I wanted to do something like Prä Astronautic. Means - the World is pretty primitive. No advanced technologys but they where or get visited from another Dimension/Planet from a much more evolved Species. What are some cool Stuff you encountered?
I mean straightforward..a highly advanced Alienrace even would wipe out modern Humanity..so how can a World with Axe & Sword deal with this..
Mayxbe this Technology is also what they call Magic in the World, or Magic is more Psi-Stuff..and or its just a much better understanding of the Mind/Spirituality.

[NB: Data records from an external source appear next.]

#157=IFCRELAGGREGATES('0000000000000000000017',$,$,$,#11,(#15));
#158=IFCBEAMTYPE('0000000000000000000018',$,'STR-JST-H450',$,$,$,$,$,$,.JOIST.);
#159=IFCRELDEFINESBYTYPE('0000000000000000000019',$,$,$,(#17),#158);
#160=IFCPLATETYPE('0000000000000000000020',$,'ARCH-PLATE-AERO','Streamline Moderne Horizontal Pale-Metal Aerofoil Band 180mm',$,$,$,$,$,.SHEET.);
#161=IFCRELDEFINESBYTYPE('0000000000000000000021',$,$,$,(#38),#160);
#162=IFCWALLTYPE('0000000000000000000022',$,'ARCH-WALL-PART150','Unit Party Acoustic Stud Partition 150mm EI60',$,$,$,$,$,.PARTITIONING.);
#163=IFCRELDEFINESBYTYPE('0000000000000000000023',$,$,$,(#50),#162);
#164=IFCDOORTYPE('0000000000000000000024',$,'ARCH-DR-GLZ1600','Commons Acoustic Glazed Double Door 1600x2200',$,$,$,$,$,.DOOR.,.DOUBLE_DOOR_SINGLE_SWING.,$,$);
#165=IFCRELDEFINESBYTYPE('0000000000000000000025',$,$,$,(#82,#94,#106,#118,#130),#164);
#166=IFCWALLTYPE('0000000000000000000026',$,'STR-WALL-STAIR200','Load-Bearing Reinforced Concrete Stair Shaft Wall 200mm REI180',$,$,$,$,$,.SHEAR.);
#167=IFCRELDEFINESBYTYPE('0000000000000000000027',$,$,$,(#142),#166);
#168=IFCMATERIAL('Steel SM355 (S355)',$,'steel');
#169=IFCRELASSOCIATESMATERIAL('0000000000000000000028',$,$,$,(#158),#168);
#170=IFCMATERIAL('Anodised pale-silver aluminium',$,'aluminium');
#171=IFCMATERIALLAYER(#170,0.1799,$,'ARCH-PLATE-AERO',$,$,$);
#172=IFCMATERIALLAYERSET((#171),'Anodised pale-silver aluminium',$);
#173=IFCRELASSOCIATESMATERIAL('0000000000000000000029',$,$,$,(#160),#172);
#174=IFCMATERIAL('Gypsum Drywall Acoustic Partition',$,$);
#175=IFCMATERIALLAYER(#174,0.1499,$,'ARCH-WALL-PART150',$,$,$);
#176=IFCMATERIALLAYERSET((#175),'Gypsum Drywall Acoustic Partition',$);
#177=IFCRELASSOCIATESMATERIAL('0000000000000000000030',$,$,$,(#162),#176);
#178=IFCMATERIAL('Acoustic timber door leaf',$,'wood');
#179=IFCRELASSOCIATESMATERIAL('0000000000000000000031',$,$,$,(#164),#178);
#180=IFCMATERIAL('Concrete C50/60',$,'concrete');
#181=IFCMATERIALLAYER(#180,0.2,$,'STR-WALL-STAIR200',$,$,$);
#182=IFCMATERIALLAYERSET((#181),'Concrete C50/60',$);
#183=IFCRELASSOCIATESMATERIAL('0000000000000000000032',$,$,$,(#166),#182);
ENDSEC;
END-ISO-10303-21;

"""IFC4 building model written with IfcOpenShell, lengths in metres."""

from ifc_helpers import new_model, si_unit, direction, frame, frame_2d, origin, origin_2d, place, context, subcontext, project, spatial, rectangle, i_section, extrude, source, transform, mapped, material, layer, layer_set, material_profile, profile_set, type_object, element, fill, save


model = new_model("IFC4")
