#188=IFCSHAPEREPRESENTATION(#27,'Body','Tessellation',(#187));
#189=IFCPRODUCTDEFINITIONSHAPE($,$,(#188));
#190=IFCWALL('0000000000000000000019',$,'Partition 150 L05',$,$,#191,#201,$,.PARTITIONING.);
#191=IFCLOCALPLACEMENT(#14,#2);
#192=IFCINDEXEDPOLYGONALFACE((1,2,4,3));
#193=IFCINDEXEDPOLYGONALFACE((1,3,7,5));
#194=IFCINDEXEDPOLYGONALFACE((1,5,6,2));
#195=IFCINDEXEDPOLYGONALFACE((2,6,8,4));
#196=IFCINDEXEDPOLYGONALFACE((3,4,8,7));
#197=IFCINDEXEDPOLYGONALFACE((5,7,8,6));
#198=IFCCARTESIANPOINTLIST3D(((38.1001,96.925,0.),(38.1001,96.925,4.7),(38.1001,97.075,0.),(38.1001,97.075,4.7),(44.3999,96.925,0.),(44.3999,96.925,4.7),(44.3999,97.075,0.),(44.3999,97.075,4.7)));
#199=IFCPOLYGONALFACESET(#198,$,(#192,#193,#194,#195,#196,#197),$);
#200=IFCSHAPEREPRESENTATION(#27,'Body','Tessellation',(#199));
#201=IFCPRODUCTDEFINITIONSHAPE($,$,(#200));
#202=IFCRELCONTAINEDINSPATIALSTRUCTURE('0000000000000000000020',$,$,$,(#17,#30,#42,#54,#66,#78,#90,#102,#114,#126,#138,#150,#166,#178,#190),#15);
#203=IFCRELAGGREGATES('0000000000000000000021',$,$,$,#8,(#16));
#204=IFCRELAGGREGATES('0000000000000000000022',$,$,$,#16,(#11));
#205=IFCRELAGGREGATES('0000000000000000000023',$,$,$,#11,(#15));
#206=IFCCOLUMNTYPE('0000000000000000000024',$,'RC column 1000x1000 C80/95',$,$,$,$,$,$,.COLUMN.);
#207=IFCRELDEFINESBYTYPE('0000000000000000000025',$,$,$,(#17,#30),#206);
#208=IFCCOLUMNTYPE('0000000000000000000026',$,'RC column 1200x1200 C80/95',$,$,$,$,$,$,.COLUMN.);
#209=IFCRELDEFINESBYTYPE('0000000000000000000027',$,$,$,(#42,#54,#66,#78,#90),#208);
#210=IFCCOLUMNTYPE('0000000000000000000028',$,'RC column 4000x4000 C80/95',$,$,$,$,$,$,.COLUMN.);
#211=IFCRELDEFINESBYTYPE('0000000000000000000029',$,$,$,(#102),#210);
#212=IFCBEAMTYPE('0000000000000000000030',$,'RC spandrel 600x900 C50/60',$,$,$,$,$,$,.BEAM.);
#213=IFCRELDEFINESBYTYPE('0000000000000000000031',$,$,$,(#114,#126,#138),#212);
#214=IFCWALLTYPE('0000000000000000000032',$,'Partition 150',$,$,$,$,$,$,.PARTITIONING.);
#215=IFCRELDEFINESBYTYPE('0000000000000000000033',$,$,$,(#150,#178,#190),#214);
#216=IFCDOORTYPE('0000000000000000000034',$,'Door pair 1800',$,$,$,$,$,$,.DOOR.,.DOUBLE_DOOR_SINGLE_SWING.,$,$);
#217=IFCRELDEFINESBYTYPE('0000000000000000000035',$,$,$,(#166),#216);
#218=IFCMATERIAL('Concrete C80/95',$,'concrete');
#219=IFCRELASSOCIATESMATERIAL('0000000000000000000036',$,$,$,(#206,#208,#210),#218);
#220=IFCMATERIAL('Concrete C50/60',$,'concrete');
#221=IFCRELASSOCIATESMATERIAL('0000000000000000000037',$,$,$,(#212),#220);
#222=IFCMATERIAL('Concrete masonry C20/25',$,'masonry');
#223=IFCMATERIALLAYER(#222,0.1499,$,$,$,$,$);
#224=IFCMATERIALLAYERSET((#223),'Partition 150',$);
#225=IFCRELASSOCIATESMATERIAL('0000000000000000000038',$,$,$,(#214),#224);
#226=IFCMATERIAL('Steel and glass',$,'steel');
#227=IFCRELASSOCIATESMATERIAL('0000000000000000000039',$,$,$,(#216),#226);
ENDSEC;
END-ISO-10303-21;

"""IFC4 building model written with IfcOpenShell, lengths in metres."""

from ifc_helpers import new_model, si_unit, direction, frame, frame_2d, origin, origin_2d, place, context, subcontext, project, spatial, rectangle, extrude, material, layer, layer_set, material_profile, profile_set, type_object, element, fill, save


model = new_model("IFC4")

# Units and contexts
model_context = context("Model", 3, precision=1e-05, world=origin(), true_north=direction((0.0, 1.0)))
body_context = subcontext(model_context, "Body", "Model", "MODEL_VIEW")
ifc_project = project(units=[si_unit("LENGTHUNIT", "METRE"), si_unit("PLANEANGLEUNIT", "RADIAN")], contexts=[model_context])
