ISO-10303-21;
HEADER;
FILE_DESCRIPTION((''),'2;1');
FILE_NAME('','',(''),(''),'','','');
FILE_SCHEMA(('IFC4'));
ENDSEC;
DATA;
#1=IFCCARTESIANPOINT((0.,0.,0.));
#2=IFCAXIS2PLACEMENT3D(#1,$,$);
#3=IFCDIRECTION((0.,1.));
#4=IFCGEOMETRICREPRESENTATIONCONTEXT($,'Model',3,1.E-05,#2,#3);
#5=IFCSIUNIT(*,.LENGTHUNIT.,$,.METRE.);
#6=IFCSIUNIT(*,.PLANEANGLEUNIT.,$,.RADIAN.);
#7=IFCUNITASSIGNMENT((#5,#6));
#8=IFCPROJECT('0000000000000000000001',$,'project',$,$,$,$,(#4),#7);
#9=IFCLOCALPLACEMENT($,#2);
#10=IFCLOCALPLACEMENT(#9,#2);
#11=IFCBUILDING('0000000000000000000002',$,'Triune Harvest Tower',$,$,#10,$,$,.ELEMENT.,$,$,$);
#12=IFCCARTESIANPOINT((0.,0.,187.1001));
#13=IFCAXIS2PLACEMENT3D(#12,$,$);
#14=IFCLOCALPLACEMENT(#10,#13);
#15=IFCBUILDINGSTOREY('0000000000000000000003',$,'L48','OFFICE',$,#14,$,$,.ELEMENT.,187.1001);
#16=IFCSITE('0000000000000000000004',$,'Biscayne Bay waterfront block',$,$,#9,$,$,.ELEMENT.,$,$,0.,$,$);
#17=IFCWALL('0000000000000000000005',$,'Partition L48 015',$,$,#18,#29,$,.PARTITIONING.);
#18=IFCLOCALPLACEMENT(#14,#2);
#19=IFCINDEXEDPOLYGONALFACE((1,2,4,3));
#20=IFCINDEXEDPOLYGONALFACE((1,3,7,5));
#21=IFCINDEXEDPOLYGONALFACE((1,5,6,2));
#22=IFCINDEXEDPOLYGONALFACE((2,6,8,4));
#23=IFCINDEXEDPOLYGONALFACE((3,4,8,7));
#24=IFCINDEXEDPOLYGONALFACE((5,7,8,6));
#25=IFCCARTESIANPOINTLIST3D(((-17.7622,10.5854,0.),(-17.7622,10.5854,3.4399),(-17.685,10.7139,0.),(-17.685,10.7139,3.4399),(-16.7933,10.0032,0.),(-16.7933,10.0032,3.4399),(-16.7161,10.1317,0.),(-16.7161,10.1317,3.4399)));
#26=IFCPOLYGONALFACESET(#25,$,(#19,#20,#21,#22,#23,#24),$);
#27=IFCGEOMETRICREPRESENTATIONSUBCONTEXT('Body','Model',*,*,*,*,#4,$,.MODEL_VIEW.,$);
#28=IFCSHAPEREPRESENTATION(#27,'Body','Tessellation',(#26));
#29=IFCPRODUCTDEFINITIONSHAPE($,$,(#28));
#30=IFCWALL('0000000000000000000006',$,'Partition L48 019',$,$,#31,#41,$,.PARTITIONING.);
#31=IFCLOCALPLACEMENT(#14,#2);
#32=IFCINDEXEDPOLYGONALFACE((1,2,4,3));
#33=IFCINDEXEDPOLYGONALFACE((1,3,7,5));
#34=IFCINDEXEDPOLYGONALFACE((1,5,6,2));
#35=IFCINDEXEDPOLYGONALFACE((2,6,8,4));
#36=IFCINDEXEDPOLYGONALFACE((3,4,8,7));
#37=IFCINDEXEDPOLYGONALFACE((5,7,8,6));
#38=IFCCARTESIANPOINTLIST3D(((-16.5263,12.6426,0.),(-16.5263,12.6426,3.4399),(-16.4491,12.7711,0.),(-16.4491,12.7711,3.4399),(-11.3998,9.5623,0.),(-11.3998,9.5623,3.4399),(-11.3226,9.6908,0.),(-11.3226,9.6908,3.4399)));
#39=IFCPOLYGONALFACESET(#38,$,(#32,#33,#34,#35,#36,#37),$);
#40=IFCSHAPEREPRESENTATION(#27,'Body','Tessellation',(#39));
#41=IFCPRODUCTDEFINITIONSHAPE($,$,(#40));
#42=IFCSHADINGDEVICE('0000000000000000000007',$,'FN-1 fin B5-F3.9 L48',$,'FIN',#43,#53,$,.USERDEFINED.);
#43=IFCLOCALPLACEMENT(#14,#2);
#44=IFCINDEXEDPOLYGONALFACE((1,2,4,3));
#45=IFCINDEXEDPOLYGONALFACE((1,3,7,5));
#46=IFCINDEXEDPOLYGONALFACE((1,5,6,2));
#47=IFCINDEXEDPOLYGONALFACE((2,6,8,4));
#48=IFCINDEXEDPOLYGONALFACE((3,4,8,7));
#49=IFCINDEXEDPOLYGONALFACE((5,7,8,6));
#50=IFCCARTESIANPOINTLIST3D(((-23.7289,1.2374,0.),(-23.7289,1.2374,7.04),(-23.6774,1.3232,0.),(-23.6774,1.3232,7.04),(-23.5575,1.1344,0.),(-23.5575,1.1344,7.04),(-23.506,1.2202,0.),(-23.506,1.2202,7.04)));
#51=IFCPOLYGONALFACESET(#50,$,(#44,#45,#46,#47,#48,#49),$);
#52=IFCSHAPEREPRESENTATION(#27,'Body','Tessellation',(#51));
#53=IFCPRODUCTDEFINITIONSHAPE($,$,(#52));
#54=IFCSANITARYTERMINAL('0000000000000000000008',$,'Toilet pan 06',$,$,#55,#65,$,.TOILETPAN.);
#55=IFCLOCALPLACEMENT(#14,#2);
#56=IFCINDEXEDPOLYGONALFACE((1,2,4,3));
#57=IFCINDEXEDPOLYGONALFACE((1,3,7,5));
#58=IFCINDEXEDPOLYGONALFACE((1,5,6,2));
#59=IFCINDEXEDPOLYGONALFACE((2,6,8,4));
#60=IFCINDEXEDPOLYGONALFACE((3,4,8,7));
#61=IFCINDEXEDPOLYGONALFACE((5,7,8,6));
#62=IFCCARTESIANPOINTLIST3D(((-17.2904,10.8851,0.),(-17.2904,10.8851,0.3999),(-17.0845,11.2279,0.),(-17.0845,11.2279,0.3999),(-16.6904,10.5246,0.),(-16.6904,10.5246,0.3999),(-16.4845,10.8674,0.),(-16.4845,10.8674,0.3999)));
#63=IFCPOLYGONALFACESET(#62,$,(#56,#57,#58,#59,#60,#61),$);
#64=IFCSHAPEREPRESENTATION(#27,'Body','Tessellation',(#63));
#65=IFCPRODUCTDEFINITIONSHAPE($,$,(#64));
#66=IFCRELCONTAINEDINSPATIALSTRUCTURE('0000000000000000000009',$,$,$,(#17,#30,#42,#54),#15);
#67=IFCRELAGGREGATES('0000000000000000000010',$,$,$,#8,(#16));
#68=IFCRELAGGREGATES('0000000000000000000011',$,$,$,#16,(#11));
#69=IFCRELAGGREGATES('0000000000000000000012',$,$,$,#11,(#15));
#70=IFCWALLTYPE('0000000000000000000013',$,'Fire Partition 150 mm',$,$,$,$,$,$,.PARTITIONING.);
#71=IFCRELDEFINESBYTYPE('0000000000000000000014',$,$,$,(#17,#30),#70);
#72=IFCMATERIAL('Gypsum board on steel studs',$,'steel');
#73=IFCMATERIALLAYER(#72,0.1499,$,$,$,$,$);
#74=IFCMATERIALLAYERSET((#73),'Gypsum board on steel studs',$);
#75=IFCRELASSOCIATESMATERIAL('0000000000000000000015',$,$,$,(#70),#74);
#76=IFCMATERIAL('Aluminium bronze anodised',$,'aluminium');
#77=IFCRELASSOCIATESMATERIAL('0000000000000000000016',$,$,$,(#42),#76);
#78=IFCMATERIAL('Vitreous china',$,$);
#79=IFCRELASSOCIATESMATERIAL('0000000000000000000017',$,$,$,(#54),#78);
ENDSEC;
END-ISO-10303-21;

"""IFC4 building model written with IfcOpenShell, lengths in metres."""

from ifc_helpers import new_model, si_unit, direction, frame, frame_2d, origin, origin_2d, place, context, subcontext, project, spatial, rectangle, extrude, source, transform, mapped, material, layer, layer_set, type_object, element, save


model = new_model("IFC4")

# Units and contexts
model_context = context("Model", 3, precision=1e-05, world=origin(), true_north=direction((0.0, 1.0)))
body_context = subcontext(model_context, "Body", "Model", "MODEL_VIEW")
ifc_project = project(units=[si_unit("LENGTHUNIT", "METRE"), si_unit("PLANEANGLEUNIT", "RADIAN")], contexts=[model_context])

# Site, building, storey
site_placement = place(None, origin())
site = spatial("IfcSite", under=ifc_project, at=site_placement, Name="Biscayne Bay waterfront block", CompositionType="ELEMENT", RefElevation=0.0)
building_placement = place(site_placement, origin())
building = spatial("IfcBuilding", under=site, at=building_placement, Name="Triune Harvest Tower", CompositionType="ELEMENT")
storey_placement = place(building_placement, frame((0.0, 0.0, 187.1001)))
storey = spatial("IfcBuildingStorey", under=building, at=storey_placement, Name="L48", Description="OFFICE", CompositionType="ELEMENT", Elevation=187.1001)

# Shared definitions
ifc_material_1 = material(Name="Gypsum board on steel studs", Category="steel")
ifc_layer_1 = layer(ifc_material_1, 0.1499)
ifc_layer_set_1 = layer_set([ifc_layer_1], Name="Gypsum board on steel studs")
wall_type_1 = type_object("IfcWallType", Name="Fire Partition 150 mm", PredefinedType="PARTITIONING", material=ifc_layer_set_1)

# Walls
shared_shape_1 = source(origin(), body_context, "Body", "SweptSolid", [
    extrude(rectangle(XDim=1.1304, YDim=0.1499, at=frame_2d((0.5652, 0.0))), origin(), (0.0, 0.0, 1.0), 3.4399),
])
wall_1_placement = place(storey_placement, frame((-17.7236, 10.6497, 0.0), z_axis=(0.0, 0.0, 1.0), x_axis=(0.85715, -0.515067, 0.0)))
element("IfcWall", 1, at=wall_1_placement, inside=storey, type_object=wall_type_1, Name="Partition L48 015", PredefinedType="PARTITIONING", context=body_context, shape_type="MappedRepresentation", body=[
    mapped(shared_shape_1, transform((0.0, 0.0, 0.0), scale=1.0)),
])
shared_shape_2 = source(origin(), body_context, "Body", "SweptSolid", [
    extrude(rectangle(XDim=5.9807, YDim=0.1499, at=frame_2d((2.9902, 0.0))), origin(), (0.0, 0.0, 1.0), 3.4399),
])
wall_2_placement = place(storey_placement, frame((-16.4875, 12.7068, 0.0), z_axis=(0.0, 0.0, 1.0), x_axis=(0.857165, -0.515042, 0.0)))
element("IfcWall", 2, at=wall_2_placement, inside=storey, type_object=wall_type_1, Name="Partition L48 019", PredefinedType="PARTITIONING", context=body_context, shape_type="MappedRepresentation", body=[
    mapped(shared_shape_2, transform((0.0, 0.0, 0.0), scale=1.0)),
])

# Shading device
ifc_material_2 = material(Name="Aluminium bronze anodised", Category="aluminium")
shared_shape_3 = source(origin(), body_context, "Body", "SweptSolid", [
    extrude(rectangle(XDim=0.1001, YDim=0.2, at=origin_2d()), origin(), (0.0, 0.0, 1.0), 7.04),
])
shading_device_placement = place(storey_placement, frame((-23.6174, 1.2288, 0.0), z_axis=(0.0, 0.0, 1.0), x_axis=(-0.515037, -0.857168, 0.0)))
element("IfcShadingDevice", 3, at=shading_device_placement, inside=storey, material=ifc_material_2, Name="FN-1 fin B5-F3.9 L48", ObjectType="FIN", PredefinedType="USERDEFINED", context=body_context, shape_type="MappedRepresentation", body=[
    mapped(shared_shape_3, transform((0.0, 0.0, 0.0), scale=1.0)),
])

# Sanitary terminal
ifc_material_3 = material(Name="Vitreous china")
shared_shape_4 = source(origin(), body_context, "Body", "SweptSolid", [
    extrude(rectangle(XDim=0.3999, YDim=0.7, at=origin_2d()), origin(), (0.0, 0.0, 1.0), 0.3999),
])
sanitary_terminal_placement = place(storey_placement, frame((-16.8875, 10.8762, 0.0), z_axis=(0.0, 0.0, 1.0), x_axis=(0.515008, 0.857185, 0.0)))
element("IfcSanitaryTerminal", 4, at=sanitary_terminal_placement, inside=storey, material=ifc_material_3, Name="Toilet pan 06", PredefinedType="TOILETPAN", context=body_context, shape_type="MappedRepresentation", body=[
    mapped(shared_shape_4, transform((0.0, 0.0, 0.0), scale=1.0)),
])

save(model, "model.ifc")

Hope you can understand what i mean..english is not my native language. ^^'


----------



## CupofJoe (Mar 22, 2019)

As an idea of what has been done, you may want to look at Stargate franchise. There you have civilisations at several different [and mixed] technological levels in conflict with each other, especially in the TV shows.


----------



## Malik (Mar 23, 2019)

halfdan said:


> I mean straightforward..a highly advanced Alienrace even would wipe out modern Humanity..so how can a World with Axe & Sword deal with this.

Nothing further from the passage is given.